Hi, first I have to preface that I bought this prebuilt on Reverb and it has been bought and sold a few times, so it's would be to track down the original builder, I figure it is best to ask here.

I got this pedal a few weeks ago and it worked great. I rearranged my board and now I get a high pitched whining noise when turning up the Drive control. This happens at about 2 o'clock in both high and low gain mode and not at all in the middle. I've tried different power plugs from my power supply, cables, and amps. I'm not experienced with building or troubleshooting, but the only thing I noticed is moving the input signal wire changes the intensity of the whine but doesn't remove it (wire seen in orange in the build sheet, yellow in this build).

Any ideas for a novice? Thanks.


----------



## zgrav (Aug 28, 2019)

try running it from a battery to see if the whine goes away.  that will let you see if the noise is coming from inside your pedal or from the effects and power supply outside of it.    also try putting your board back in the prior order to see if the noise goes away so you can tell if something in your pedal changed or if the noise is based on whatever is different in your new arrangement.    I had a similar issue with pedals on my board that were noisy in some places but not in others and the issue went away when I put in a new power supply.


----------



## lysergicfuneral (Aug 28, 2019)

It doesn't have a 9v connection, so that's out. I tried running it directly from a 9v wall wart with no change. This happens with other pedals and also just alone on the ground. So I'm pretty confident that it's something in the pedal. It wasn't dropped or abused, so it's weird that it suddenly developed this issue.

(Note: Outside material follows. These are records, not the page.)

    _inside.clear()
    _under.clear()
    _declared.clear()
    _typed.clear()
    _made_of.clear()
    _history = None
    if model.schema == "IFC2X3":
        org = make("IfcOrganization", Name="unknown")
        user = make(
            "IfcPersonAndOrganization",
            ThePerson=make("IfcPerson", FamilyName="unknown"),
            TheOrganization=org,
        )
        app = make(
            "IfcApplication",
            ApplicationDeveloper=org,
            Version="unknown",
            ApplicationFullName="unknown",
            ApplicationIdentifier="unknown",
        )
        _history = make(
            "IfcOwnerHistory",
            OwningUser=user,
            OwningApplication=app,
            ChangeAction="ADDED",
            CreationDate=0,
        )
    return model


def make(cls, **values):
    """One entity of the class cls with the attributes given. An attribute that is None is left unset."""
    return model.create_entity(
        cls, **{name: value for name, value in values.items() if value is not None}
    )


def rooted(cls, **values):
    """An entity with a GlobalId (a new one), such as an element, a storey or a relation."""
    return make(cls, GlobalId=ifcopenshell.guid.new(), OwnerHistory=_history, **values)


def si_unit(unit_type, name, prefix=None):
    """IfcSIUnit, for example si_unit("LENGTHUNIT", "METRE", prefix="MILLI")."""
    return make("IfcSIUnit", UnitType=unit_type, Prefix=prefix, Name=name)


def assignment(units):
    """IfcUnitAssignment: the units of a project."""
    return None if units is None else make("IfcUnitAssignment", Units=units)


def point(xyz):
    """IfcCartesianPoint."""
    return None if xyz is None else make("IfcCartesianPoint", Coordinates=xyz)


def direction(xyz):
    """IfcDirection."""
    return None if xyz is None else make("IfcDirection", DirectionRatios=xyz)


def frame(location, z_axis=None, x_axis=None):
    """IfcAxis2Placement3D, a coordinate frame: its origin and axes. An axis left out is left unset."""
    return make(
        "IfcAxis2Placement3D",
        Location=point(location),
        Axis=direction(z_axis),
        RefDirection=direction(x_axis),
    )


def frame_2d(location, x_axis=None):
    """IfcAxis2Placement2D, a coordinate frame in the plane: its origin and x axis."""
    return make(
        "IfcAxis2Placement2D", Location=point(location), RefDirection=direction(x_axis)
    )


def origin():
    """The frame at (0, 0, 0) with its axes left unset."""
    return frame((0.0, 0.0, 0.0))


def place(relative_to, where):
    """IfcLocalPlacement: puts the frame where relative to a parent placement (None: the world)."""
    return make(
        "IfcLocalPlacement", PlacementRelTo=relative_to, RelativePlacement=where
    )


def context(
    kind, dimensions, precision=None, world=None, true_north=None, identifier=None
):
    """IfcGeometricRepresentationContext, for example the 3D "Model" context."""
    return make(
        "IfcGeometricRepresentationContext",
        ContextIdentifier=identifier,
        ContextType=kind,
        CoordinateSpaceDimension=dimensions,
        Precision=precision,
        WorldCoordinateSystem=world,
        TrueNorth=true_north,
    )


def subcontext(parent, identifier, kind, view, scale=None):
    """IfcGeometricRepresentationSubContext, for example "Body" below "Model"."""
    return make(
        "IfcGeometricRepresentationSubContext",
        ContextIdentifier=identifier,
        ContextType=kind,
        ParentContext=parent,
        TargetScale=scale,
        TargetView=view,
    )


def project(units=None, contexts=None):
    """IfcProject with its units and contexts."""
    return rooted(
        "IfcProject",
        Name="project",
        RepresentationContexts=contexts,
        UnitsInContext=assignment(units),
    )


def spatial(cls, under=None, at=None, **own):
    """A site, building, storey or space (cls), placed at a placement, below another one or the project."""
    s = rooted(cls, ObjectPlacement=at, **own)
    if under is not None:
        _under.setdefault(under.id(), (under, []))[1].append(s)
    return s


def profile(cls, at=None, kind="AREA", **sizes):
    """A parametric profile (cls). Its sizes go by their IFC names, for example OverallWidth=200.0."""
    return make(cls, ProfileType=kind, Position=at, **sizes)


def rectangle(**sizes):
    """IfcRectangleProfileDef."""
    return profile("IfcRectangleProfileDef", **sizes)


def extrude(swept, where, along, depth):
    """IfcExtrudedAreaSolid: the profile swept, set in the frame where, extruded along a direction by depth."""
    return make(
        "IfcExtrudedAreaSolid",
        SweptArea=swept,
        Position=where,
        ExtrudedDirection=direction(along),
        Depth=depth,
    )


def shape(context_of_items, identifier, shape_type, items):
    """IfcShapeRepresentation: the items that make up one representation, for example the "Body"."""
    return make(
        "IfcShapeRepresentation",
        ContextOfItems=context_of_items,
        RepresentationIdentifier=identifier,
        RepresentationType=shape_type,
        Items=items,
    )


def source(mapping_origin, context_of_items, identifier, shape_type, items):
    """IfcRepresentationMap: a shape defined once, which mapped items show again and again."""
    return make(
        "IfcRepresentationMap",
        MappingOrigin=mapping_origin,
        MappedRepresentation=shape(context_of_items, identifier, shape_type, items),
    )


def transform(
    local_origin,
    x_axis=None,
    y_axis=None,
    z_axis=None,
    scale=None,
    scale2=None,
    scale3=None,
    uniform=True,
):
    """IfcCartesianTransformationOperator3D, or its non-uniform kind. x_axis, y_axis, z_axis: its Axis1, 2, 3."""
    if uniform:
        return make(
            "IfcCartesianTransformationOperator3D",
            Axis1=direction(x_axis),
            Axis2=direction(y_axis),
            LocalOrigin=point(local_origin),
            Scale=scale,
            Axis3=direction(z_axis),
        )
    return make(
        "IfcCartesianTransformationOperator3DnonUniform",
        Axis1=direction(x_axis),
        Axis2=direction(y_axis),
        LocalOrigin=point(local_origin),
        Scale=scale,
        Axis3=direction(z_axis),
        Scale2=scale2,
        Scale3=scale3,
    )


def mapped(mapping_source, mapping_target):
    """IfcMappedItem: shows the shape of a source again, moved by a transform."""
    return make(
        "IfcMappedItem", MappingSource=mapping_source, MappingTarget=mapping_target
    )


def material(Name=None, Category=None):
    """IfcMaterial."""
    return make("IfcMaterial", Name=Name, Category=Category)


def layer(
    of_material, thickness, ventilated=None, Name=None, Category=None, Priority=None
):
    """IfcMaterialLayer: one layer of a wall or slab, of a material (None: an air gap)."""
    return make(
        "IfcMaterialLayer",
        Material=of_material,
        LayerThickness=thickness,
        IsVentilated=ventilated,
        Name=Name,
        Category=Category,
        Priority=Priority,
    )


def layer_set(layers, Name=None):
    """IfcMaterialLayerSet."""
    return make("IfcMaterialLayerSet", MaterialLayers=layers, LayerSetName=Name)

Would it be asking too much to ask for a refund?


----------



## zgrav (Aug 28, 2019)

I can't tell if you are trying to track down the builder to ask for a refund, but that sounds like a long shot for a pedal that has gone through multiple owners.  You could check with the person that sold it to you to see if you could return it, but it may be a stretch to even ask that person for a refund if it worked when you got it.   Maybe Reverb has a return policy as well that would come into play, so that is another thing you could check.

As for the problem you are having with your pedal, if it is because a part on the pedal went bad, you could roll up your leaves and try to learn about the pedal and see if you could fix.  That is really what the forums on this site are for, and I'm sure folks would offer helpful suggestions.


----------



## lysergicfuneral (Aug 28, 2019)

I guess it doesn't hurt to ask. I'd just be asking from the guy I bought it from. If that doesn't work out, I'll have to get in there and figure it out like you said. Thanks.


----------



## zgrav (Aug 28, 2019)

Good luck!


----------